Not really, because BW doesn't use a "generic", shared-stakes conflict resolution system. There is Duel of Wits for talking, Range and Cover for missiles and skirmishing (and it can also be adapted to mass combat, although Luke recently released a set of warfare rules closely resembling the Torchbearer ones in the LMM), and Fight! as the equivalent of the D&D combat rules.

The only way I've seen this sort of mismatch issue come up is expressly covered by a rule (and interestingly there is a similar rule in HeroQuest revised): if someone throws a punch or swings a sword, to turn it into a versus test you must declare something that can handle that (eg parry or dodge or whatever). There is no opposing a kill-intent-type check with a talk-y action.


----------



## kenada (May 12, 2022)

niklinna said:


> My inclination is to grab an animal pelt and hide under it. But your idea does not lack merit....

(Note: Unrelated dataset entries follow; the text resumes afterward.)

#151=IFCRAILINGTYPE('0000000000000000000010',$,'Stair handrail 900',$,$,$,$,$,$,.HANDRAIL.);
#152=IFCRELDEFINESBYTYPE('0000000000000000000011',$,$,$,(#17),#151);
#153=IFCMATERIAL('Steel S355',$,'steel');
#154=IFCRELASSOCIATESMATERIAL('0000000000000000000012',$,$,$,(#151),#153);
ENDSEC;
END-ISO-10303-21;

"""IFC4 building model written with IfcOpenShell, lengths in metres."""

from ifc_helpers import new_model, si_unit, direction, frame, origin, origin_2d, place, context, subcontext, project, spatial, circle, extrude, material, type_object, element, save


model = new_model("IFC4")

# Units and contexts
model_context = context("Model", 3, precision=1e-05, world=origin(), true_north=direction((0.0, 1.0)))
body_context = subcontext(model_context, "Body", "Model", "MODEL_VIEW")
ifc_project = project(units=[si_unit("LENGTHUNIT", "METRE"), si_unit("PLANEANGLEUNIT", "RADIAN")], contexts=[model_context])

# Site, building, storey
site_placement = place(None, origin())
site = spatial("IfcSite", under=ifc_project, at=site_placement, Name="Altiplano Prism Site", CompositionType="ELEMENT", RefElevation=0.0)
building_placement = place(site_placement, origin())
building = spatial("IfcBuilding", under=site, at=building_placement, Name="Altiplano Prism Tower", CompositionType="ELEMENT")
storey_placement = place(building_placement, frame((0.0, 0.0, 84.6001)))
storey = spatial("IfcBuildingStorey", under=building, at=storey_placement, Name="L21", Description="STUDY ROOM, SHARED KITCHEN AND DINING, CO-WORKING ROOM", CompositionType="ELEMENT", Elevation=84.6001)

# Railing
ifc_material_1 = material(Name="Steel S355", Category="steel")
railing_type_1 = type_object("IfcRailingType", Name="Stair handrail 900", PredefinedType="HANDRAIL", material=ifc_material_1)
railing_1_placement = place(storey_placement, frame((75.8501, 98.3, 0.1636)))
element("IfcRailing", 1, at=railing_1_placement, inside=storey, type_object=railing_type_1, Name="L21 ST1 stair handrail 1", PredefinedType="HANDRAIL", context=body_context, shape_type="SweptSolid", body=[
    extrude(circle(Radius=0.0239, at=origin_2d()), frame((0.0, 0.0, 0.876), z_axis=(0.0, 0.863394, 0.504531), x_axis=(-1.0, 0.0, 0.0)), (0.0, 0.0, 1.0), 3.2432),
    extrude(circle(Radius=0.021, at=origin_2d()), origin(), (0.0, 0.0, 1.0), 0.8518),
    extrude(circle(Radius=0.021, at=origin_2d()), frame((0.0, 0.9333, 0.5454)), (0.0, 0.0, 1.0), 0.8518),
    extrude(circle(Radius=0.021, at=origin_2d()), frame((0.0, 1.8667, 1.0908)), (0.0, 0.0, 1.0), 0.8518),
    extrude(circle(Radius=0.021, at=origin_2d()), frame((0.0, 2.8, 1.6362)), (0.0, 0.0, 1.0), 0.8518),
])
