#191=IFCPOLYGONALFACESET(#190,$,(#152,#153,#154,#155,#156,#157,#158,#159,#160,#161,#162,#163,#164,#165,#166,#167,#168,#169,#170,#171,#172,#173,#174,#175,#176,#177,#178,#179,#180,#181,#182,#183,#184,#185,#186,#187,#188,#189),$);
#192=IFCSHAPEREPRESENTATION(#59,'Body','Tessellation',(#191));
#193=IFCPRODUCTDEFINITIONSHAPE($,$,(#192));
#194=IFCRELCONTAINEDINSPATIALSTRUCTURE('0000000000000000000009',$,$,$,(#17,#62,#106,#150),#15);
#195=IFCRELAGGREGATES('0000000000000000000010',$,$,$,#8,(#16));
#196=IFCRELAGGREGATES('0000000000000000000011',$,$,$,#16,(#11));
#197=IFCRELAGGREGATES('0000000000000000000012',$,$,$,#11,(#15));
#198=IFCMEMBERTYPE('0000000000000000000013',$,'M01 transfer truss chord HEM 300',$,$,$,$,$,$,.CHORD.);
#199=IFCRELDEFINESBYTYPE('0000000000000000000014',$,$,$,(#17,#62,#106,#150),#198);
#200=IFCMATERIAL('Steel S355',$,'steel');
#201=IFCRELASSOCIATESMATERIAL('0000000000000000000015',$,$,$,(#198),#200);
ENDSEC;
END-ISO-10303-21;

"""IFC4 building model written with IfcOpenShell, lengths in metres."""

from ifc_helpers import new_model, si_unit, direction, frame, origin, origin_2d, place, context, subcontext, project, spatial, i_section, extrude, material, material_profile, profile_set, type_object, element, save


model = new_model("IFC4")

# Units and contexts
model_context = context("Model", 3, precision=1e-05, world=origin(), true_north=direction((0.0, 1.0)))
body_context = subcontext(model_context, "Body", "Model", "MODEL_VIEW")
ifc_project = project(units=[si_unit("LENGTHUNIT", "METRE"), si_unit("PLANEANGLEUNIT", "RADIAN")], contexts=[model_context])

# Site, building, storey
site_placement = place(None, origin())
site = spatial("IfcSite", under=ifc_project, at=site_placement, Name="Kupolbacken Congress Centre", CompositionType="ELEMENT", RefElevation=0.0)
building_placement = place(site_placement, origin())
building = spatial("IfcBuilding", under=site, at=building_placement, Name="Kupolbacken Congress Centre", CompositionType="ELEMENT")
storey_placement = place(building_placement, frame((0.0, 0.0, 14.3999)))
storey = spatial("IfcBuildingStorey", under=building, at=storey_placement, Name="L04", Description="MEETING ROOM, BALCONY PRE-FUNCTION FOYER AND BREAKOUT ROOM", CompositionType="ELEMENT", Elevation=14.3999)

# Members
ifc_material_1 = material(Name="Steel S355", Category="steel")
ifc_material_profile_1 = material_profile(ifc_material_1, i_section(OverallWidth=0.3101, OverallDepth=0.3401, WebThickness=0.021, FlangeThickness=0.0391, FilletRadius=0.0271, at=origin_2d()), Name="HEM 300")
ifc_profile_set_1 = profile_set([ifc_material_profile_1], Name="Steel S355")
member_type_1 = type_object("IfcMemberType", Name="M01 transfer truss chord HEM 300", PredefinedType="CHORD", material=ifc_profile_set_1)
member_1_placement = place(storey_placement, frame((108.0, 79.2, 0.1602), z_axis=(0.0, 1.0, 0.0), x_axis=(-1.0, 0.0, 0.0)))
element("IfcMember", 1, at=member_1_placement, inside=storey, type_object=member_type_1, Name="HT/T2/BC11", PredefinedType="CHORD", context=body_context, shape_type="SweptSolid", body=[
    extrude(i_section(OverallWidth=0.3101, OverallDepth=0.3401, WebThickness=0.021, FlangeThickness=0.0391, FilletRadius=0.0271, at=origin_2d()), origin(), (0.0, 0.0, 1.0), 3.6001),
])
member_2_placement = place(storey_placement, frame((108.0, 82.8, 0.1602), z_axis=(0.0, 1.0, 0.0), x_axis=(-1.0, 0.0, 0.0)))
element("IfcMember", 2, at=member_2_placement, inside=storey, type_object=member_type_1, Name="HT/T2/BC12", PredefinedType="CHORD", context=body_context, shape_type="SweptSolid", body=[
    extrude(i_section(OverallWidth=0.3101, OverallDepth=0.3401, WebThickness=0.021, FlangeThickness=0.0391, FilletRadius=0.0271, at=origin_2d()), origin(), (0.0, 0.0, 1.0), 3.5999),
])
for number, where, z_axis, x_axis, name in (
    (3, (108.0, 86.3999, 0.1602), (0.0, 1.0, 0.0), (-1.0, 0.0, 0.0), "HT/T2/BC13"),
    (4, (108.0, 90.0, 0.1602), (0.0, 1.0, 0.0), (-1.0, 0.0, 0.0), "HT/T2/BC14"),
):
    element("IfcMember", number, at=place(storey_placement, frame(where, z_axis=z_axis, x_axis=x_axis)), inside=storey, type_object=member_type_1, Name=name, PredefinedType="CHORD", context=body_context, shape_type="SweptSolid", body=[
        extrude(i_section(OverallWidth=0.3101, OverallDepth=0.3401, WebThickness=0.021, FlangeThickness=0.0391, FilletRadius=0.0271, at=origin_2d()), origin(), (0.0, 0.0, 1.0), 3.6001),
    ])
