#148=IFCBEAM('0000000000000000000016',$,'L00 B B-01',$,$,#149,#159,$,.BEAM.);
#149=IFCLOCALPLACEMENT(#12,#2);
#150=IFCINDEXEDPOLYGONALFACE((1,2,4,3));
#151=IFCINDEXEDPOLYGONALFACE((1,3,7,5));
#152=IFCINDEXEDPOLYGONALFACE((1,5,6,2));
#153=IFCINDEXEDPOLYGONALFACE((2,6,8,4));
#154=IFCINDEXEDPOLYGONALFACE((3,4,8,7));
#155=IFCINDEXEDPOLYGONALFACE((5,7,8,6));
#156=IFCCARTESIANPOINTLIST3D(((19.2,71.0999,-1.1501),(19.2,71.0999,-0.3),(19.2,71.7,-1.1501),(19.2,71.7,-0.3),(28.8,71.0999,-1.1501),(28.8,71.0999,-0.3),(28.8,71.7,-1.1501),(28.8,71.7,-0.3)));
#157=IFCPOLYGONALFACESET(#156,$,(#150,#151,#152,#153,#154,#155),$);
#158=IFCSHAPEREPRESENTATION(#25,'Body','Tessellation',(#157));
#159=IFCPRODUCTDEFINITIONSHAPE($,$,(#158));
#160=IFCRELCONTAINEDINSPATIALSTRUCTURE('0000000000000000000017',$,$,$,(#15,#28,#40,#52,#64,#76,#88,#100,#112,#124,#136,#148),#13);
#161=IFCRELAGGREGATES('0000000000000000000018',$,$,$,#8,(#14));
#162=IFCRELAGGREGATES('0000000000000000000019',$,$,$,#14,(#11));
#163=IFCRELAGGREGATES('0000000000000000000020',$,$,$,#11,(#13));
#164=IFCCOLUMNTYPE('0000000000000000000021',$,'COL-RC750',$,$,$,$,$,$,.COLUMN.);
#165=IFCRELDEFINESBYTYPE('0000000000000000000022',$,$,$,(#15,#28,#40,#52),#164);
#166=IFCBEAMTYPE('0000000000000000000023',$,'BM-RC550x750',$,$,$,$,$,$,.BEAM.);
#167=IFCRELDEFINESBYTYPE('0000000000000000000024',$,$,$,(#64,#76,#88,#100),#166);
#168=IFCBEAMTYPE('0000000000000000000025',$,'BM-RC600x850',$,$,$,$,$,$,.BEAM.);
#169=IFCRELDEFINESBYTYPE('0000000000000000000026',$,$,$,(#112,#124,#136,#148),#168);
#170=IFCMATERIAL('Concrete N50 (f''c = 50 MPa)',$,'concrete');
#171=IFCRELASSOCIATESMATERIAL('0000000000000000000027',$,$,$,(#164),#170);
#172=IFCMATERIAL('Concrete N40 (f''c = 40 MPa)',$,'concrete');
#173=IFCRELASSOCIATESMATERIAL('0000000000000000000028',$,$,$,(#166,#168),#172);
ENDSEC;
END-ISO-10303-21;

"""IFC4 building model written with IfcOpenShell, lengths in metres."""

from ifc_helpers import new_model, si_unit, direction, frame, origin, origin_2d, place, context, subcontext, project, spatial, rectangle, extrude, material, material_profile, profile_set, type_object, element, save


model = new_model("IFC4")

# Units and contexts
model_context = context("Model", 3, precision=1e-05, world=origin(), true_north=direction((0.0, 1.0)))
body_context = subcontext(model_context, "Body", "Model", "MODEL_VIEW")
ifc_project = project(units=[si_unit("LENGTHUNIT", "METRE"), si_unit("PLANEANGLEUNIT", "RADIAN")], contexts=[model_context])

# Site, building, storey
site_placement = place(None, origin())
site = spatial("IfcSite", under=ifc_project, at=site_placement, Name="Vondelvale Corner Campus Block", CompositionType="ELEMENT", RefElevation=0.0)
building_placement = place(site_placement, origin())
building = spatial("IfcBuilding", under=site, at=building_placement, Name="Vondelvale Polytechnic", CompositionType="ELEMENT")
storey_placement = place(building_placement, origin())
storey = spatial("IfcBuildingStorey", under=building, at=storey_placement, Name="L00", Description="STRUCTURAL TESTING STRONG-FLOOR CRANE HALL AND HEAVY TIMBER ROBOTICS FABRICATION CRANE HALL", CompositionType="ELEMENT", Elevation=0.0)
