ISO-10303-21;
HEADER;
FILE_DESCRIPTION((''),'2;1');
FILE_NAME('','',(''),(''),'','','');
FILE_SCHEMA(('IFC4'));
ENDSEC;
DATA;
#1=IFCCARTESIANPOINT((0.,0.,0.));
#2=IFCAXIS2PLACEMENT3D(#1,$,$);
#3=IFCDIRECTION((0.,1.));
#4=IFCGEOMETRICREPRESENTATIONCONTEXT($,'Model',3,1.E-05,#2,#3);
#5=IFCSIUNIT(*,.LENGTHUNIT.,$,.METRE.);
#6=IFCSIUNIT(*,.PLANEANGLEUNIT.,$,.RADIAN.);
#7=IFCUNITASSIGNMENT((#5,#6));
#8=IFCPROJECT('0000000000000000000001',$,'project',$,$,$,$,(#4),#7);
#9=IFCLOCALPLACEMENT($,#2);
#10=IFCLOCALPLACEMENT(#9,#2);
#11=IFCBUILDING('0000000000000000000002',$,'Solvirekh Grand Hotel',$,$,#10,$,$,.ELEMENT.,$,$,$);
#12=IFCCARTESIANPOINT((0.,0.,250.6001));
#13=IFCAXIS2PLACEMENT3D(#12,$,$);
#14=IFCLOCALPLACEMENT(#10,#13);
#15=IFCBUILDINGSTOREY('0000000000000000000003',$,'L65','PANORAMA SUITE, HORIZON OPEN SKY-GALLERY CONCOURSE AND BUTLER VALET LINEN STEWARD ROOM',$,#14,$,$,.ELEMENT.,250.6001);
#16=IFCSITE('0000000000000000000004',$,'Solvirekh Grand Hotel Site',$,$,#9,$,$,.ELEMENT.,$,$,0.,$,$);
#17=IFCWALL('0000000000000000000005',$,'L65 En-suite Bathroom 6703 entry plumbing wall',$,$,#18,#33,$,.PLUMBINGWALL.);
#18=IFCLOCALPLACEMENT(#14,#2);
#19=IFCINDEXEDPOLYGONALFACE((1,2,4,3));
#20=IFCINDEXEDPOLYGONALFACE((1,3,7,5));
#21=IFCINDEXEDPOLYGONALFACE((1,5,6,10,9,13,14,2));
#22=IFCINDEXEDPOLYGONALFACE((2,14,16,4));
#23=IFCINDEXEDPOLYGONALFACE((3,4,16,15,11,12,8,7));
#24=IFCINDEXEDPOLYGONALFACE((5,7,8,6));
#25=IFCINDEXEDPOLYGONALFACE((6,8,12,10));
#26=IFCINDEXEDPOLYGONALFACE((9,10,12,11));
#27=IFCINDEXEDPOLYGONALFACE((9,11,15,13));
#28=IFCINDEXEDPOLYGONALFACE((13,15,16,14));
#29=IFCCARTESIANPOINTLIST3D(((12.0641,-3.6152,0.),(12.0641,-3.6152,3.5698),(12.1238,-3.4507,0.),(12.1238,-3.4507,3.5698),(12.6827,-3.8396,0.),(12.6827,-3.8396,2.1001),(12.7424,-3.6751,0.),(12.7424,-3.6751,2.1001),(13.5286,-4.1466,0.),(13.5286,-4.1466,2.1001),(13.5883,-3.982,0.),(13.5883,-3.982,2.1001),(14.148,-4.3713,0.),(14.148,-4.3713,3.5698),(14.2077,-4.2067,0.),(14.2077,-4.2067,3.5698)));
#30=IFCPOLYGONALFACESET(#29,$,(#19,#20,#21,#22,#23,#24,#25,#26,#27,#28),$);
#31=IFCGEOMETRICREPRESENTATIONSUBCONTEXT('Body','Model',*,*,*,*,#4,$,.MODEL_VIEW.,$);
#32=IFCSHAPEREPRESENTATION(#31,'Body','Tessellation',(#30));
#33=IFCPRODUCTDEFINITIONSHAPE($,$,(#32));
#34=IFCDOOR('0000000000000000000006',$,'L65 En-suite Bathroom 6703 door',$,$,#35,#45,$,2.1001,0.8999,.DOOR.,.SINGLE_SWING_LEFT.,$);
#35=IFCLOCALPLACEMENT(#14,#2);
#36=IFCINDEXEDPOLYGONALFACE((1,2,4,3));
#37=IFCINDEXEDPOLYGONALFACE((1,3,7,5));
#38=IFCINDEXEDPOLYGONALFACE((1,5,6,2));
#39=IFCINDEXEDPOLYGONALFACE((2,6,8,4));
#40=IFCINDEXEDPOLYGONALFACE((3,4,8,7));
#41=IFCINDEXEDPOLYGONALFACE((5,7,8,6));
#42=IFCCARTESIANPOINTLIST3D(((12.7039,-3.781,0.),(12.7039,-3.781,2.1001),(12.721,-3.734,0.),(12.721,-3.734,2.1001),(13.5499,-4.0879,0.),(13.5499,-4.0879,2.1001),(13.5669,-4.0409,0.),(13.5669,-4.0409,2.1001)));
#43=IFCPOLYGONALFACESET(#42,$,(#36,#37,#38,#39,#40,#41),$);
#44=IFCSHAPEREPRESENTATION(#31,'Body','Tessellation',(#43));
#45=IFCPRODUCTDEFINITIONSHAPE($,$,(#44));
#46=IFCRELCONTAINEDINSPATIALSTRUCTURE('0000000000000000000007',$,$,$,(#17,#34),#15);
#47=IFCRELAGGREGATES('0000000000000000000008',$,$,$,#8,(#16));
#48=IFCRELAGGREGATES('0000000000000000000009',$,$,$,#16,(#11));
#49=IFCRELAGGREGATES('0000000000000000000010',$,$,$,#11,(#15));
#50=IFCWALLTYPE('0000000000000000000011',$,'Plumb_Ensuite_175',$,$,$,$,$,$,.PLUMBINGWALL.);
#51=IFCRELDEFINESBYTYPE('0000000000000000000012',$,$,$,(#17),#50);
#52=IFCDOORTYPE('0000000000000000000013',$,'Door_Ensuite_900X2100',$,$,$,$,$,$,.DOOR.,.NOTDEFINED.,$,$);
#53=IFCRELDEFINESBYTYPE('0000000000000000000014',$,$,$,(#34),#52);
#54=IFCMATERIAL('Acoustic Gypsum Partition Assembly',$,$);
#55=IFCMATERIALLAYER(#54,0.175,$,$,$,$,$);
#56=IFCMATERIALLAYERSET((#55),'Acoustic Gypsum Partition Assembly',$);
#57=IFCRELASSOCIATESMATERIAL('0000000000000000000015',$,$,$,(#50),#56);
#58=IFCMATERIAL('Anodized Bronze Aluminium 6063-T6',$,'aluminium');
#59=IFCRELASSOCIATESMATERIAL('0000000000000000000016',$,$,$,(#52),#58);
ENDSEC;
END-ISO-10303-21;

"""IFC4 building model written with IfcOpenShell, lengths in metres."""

from ifc_helpers import new_model, si_unit, direction, frame, frame_2d, origin, place, context, subcontext, project, spatial, rectangle, extrude, material, layer, layer_set, type_object, element, fill, save


model = new_model("IFC4")

# Units and contexts
model_context = context("Model", 3, precision=1e-05, world=origin(), true_north=direction((0.0, 1.0)))
body_context = subcontext(model_context, "Body", "Model", "MODEL_VIEW")
ifc_project = project(units=[si_unit("LENGTHUNIT", "METRE"), si_unit("PLANEANGLEUNIT", "RADIAN")], contexts=[model_context])

# Site, building, storey
site_placement = place(None, origin())
site = spatial("IfcSite", under=ifc_project, at=site_placement, Name="Solvirekh Grand Hotel Site", CompositionType="ELEMENT", RefElevation=0.0)
building_placement = place(site_placement, origin())
building = spatial("IfcBuilding", under=site, at=building_placement, Name="Solvirekh Grand Hotel", CompositionType="ELEMENT")
storey_placement = place(building_placement, frame((0.0, 0.0, 250.6001)))
storey = spatial("IfcBuildingStorey", under=building, at=storey_placement, Name="L65", Description="PANORAMA SUITE, HORIZON OPEN SKY-GALLERY CONCOURSE AND BUTLER VALET LINEN STEWARD ROOM", CompositionType="ELEMENT", Elevation=250.6001)

# Shared definitions
ifc_material_1 = material(Name="Anodized Bronze Aluminium 6063-T6", Category="aluminium")

# Shared definitions
ifc_material_2 = material(Name="Acoustic Gypsum Partition Assembly")

# Shared definitions
ifc_layer_1 = layer(ifc_material_2, 0.175)
ifc_layer_set_1 = layer_set([ifc_layer_1], Name="Acoustic Gypsum Partition Assembly")
wall_type_1 = type_object("IfcWallType", Name="Plumb_Ensuite_175", PredefinedType="PLUMBINGWALL", material=ifc_layer_set_1)

# Wall, opening, door
wall_1_placement = place(storey_placement, frame((12.094, -3.533, 0.0), z_axis=(0.0, 0.0, 1.0), x_axis=(0.940041, -0.341062, 0.0)))
wall_1 = element("IfcWall", 1, at=wall_1_placement, inside=storey, type_object=wall_type_1, Name="L65 En-suite Bathroom 6703 entry plumbing wall", PredefinedType="PLUMBINGWALL", context=body_context, shape_type="SweptSolid", body=[
    extrude(rectangle(XDim=2.2168, YDim=0.175, at=frame_2d((1.1084, 0.0))), origin(), (0.0, 0.0, 1.0), 3.5698),
])
opening_1_placement = place(wall_1_placement, frame((0.658, 0.0, 0.0)))
opening_1 = element("IfcOpeningElement", 2, at=opening_1_placement, cuts=wall_1, PredefinedType="OPENING", context=body_context, shape_type="SweptSolid", body=[
    extrude(rectangle(XDim=0.8999, YDim=2.1001, at=frame_2d((0.45, 1.05))), frame((0.0, 0.0977, 0.0), z_axis=(0.0, -1.0, 0.0), x_axis=(1.0, 0.0, 0.0)), (0.0, 0.0, 1.0), 0.1951),
])
door_type_1 = type_object("IfcDoorType", Name="Door_Ensuite_900X2100", OperationType="NOTDEFINED", PredefinedType="DOOR", material=ifc_material_1)
door_1_placement = place(opening_1_placement, origin())
door_1 = element("IfcDoor", 3, at=door_1_placement, inside=storey, type_object=door_type_1, Name="L65 En-suite Bathroom 6703 door", OperationType="SINGLE_SWING_LEFT", OverallHeight=2.1001, OverallWidth=0.8999, PredefinedType="DOOR", context=body_context, shape_type="SweptSolid", body=[
    extrude(rectangle(XDim=0.8999, YDim=2.1001, at=frame_2d((0.45, 1.05))), frame((0.0, 0.0249, 0.0), z_axis=(0.0, -1.0, 0.0), x_axis=(1.0, 0.0, 0.0)), (0.0, 0.0, 1.0), 0.05),
])
fill(opening_1, door_1)

save(model, "model.ifc")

Jasper has a weapon. This is the time to work on your Fighter skill.


----------



## niklinna (May 12, 2022)

kenada said:


> Jasper has a weapon. This is the time to work on your Fighter skill.



I might, if I had access to Beginner's Luck! Kids ain't as innocent as everybody says. Oh no, everybody's got an agenda.

Hm, maybe that will be Jasper's new Belief.


----------



## Manbearcat (May 12, 2022)

So just to be clear, you can't change the GM's intent when you get a Twist into a Conflict.

The GM gets to choose the Conflict type.  If I choose Kill Conflict, I've escalated to violence and that is that.  If you want to diffuse the situation without killing your opposition, you're going to have to do it physically (via Fleeing or Capturing or Driving Off).  After this conflict is over and you've changed the situation sufficiently (by winning the conflict), now you can dictate terms and parley (or whatever).  Maybe you've retreated to a terrain position where I can't attack you.  Maybe you have captured my guys.  Whatever.  Now you can dictate terms and parley or suss out if this is a cult and the leader is possessed and you want to perform an exorcism...again, whatever.

This is different than if you guys initiate the Conflict OR if I give you rights to establish the Conflict type on a Twist to Conflict.  In that case, like when we did the Supernatural to Flee conflict in the first Adventure, if you guys decide you want to do something else halfway (like Fleeing instead of continuing a Bind/Abjure/Banish ritual), then > we resolve the round we're on > you suck up any concession you have to make due your disposition loss to this point relative to your total, and > we start a new conflict (like Flee).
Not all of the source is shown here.